Yeni Gerçekçilik belgesel sinemacılığa yakın bir akımdı. Bu akımın filmleri faşizmle hesaplaştılar, direnişi övdüler, faşizm sonrası İtalyan toplumunun dağınıklığını ele aldılar. Faşizmin kültürel kalıntılarını temizleyen bir sinema anlayışı ve sinema estetiği yaratan Yeni Gerçekçilik direniş filmleriyle politik saygınlık kazandı, 1950’lerin sonlarına gelindiğinde Hristiyan Demokrat iktidarın tür sinemasının şablonlarına göre popüler filmler üretmeye yönelik kültür politikasının da etkisiyle etkisini yitirmişti.

Roberto Rossellini’nin Roma Açık Şehir’i, Yeni Gerçekçilik akımını doğuran film olarak kabul edilir. 1945’de henüz savaş bitmeden, İtalya’nın bir kısmı henüz Almanların elindeyken, direnişin gerçekten de gündelik yaşamın bir parçası haline geldiği dönemde çekilmişti. Filmde anlatılan olayların zamanı ile gerçek (nesnel) zaman örtüşürler. Film bir komünist partizan ile bir Katolik rahibin Almanlara karşı direnişte ittifak yapmalarını anlatır.

Rossellini çok güç koşullar altında, çok sınırlı imkânlarla çalışmak zorunda kalmıştı. Çekimleri savaşın harap ettiği Roma’da, terk edilmiş garajlarda, tanıdıkların küçük ve karanlık apartman dairelerinde yapmış; zayıf bir ışıklandırmayla, eski ve kaliteli olmayan negatiflerle yetinmek zorunda kalmıştı. Dublaj aceleye gelmişti ve çoğu yerde senkronize değildi. Fakat kuvvetli dramatik yapısıyla, yakıcı bir konuya insan sevgisiyle yaklaşmasıyla bütün bu teknik yetersizlikleri aşarak sinema tarihinin en önemli filmlerinden biri olmayı başardı, bir klasik statüsü kazandı. Jacques Ranciére’in ifadesiyle Roma Açık Şehir, “bir halkın tarihsel kavgasının” filmi ve “ölenlerin destanıdır” (2016:135).
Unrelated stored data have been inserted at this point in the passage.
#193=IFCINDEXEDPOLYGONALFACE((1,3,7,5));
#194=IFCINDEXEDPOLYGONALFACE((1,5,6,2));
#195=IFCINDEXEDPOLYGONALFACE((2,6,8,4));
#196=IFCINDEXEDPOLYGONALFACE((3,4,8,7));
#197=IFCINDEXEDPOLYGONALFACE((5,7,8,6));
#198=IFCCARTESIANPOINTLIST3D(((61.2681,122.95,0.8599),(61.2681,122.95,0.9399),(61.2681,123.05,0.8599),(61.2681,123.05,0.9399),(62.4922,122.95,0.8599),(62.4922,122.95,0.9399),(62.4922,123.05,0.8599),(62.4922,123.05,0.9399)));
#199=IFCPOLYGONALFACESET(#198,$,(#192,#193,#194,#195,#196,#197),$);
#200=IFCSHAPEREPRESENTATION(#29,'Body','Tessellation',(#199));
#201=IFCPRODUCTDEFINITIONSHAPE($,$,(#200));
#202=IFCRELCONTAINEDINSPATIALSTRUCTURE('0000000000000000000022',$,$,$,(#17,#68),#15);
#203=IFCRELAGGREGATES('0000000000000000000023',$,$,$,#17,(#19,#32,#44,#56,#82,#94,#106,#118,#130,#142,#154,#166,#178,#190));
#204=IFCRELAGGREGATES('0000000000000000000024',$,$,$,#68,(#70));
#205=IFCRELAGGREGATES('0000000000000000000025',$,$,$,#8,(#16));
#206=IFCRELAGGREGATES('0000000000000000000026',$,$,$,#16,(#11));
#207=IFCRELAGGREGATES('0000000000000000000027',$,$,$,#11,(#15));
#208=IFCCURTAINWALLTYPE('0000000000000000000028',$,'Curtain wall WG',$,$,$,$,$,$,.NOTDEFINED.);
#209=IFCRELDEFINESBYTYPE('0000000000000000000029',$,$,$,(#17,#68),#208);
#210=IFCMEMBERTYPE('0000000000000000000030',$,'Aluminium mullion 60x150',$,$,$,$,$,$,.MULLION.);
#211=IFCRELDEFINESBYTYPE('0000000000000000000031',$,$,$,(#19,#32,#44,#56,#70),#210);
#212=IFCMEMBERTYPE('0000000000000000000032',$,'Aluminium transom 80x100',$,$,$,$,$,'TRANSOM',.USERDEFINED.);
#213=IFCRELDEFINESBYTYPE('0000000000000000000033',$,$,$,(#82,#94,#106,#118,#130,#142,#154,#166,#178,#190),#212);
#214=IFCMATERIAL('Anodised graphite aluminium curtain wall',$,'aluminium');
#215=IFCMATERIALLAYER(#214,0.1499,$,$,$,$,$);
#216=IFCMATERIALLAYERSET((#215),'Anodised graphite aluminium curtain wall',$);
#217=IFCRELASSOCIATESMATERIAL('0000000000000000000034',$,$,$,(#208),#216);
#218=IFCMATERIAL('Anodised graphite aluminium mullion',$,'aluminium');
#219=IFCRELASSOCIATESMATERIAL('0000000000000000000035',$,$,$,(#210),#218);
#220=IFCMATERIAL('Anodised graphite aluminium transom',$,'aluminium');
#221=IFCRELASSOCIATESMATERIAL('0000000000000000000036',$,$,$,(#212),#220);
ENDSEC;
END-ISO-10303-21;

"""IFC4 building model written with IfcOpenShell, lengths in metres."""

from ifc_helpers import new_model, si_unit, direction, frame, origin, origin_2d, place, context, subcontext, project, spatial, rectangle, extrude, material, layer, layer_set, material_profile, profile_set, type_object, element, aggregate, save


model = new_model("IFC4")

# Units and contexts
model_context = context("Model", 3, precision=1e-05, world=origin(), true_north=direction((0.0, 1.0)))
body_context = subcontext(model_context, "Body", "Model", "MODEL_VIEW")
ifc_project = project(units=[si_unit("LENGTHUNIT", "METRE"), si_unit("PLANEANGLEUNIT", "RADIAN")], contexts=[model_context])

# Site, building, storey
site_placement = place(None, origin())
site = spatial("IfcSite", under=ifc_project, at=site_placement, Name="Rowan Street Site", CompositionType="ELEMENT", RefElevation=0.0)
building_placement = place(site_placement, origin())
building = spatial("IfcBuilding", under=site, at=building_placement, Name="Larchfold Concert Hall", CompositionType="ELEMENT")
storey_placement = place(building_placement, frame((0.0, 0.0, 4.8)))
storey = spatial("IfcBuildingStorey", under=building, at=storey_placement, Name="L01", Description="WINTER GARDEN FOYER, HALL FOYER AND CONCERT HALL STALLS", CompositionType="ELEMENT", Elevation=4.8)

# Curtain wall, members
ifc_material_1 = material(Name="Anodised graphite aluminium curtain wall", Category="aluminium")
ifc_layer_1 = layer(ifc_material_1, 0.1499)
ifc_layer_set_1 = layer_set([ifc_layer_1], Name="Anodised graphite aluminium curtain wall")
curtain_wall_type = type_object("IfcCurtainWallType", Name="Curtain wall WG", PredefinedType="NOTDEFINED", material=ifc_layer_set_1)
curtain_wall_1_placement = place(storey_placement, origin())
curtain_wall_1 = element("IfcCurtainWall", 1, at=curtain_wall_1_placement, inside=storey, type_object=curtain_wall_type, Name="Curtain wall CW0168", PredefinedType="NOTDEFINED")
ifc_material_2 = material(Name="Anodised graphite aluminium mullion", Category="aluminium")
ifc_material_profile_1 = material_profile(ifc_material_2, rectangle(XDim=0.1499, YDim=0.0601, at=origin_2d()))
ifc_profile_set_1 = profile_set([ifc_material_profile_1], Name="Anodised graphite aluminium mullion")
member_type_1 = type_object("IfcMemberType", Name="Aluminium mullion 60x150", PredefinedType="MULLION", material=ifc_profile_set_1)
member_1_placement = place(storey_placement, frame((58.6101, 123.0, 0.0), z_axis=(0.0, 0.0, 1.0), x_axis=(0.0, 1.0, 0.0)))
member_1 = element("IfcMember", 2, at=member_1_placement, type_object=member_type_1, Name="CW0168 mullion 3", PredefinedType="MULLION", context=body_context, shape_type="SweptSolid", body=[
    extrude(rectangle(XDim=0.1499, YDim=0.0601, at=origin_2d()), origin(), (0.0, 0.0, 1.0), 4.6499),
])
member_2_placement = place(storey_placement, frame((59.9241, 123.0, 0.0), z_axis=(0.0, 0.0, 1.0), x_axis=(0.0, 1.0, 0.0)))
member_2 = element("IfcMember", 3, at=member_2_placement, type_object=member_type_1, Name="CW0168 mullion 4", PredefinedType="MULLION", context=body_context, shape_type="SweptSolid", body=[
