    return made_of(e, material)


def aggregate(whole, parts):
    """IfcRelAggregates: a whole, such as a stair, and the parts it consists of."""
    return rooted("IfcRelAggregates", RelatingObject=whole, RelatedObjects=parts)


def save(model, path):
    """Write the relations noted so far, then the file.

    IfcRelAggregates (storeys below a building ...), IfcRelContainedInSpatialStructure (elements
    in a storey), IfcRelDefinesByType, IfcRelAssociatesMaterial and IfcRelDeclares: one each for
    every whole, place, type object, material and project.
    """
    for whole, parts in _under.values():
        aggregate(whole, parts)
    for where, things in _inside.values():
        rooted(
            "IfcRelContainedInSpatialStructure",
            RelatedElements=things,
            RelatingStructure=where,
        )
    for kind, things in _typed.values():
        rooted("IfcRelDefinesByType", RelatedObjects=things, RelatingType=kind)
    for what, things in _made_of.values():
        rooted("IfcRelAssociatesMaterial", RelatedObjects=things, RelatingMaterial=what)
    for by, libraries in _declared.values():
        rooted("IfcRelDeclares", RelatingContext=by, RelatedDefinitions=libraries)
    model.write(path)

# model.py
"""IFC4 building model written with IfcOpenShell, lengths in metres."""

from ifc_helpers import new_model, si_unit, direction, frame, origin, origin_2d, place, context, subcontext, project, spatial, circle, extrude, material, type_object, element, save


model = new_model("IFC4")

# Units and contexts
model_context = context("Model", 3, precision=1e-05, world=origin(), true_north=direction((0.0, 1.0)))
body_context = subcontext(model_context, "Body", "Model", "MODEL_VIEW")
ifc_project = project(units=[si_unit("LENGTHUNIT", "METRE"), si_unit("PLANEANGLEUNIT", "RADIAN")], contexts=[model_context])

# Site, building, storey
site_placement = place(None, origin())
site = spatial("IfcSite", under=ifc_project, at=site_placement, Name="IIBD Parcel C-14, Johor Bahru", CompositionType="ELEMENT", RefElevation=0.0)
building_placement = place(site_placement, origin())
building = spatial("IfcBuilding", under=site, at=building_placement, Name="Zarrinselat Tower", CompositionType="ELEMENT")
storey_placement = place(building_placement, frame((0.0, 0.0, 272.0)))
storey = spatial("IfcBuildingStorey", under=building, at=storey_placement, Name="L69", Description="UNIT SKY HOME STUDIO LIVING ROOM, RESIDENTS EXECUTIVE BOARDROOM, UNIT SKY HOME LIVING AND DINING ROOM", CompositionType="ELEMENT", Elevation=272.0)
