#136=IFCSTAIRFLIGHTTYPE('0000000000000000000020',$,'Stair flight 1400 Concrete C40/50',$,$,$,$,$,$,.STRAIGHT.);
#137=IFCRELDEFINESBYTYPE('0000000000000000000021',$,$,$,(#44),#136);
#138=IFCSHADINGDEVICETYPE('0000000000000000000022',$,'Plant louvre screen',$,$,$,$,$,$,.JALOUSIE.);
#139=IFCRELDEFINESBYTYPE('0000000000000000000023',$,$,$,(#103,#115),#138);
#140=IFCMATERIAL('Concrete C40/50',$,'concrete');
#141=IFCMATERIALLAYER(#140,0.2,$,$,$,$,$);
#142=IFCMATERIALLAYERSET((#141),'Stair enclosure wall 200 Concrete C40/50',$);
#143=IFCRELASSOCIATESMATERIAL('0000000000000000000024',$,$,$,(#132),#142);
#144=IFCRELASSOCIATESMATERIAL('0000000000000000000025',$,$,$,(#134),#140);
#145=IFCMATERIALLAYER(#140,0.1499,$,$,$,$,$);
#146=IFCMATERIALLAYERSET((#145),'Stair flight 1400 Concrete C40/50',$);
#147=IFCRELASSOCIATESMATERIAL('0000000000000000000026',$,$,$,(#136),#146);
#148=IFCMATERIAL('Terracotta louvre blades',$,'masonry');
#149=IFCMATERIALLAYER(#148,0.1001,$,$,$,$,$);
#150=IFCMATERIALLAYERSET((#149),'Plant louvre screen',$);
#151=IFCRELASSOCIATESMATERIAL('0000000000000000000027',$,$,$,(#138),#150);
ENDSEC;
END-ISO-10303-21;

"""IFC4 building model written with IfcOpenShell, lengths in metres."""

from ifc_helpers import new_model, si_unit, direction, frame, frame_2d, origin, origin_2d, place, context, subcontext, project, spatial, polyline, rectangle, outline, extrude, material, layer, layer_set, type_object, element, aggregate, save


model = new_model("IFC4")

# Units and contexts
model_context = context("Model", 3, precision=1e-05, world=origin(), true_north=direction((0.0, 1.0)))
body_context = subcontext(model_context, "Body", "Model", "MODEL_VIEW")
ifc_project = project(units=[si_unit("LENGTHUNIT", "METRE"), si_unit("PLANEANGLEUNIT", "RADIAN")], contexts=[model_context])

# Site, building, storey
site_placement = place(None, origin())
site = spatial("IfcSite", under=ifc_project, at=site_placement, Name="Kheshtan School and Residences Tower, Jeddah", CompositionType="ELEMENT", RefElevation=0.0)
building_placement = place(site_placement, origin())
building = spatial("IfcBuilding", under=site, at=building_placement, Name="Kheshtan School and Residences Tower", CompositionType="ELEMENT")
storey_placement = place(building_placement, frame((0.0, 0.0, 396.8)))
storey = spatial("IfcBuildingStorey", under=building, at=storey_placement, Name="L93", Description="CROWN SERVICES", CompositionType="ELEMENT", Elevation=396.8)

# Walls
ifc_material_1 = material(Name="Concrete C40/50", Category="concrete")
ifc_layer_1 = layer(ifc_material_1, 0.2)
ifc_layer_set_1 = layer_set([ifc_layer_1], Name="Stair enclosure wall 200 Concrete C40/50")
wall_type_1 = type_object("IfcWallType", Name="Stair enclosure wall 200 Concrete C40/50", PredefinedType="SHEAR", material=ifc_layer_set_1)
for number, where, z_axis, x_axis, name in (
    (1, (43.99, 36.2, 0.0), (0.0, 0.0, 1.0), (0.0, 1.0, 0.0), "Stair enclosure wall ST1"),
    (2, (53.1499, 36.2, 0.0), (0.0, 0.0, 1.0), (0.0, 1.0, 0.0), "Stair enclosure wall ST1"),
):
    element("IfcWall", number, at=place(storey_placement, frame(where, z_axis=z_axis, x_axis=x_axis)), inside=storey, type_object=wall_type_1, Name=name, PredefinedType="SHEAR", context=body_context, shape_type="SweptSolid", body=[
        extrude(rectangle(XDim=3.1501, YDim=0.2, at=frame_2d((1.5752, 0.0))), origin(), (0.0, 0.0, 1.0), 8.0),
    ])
Rossellini 1949-1955 arasında Ingrid Bergman’a başrol verdiği filmler yaptı. Onun “Bergman filmleri”yle Yeni Gerçekçilik ilkelerinden vazgeçtiği ileri sürülür. Katolik eleştirmenlerin yanısıra ortodoks sol da bu filmlere kuşkuyla bakmış, mesafeli davranmıştır. Ama onların esirgediği ilgiyi Cahiers du Cinema çevresi, Yeni Dalga yönetmenleri fazlasıyla gösterdiler. Söz konusu filmlerin İtalyan sinemasında Yeni Gerçekçilik sonrası öncü eğilimlere, özellikle 1960’larda yabancılaşma, iletişimsizlik ve benzeri temalarıyla, bütün zorluklara rağmen çıkış yolu arayan güçlü kadın karakterleriyle öne çıkan Antonioni sineması için yol gösterici olduğu söylenebilir. Şöyle de denilebilir: Rossellini’nin Ingmar Bergman filmleri Antonioni’nin Monica Vitti filmlerinin habercisidir.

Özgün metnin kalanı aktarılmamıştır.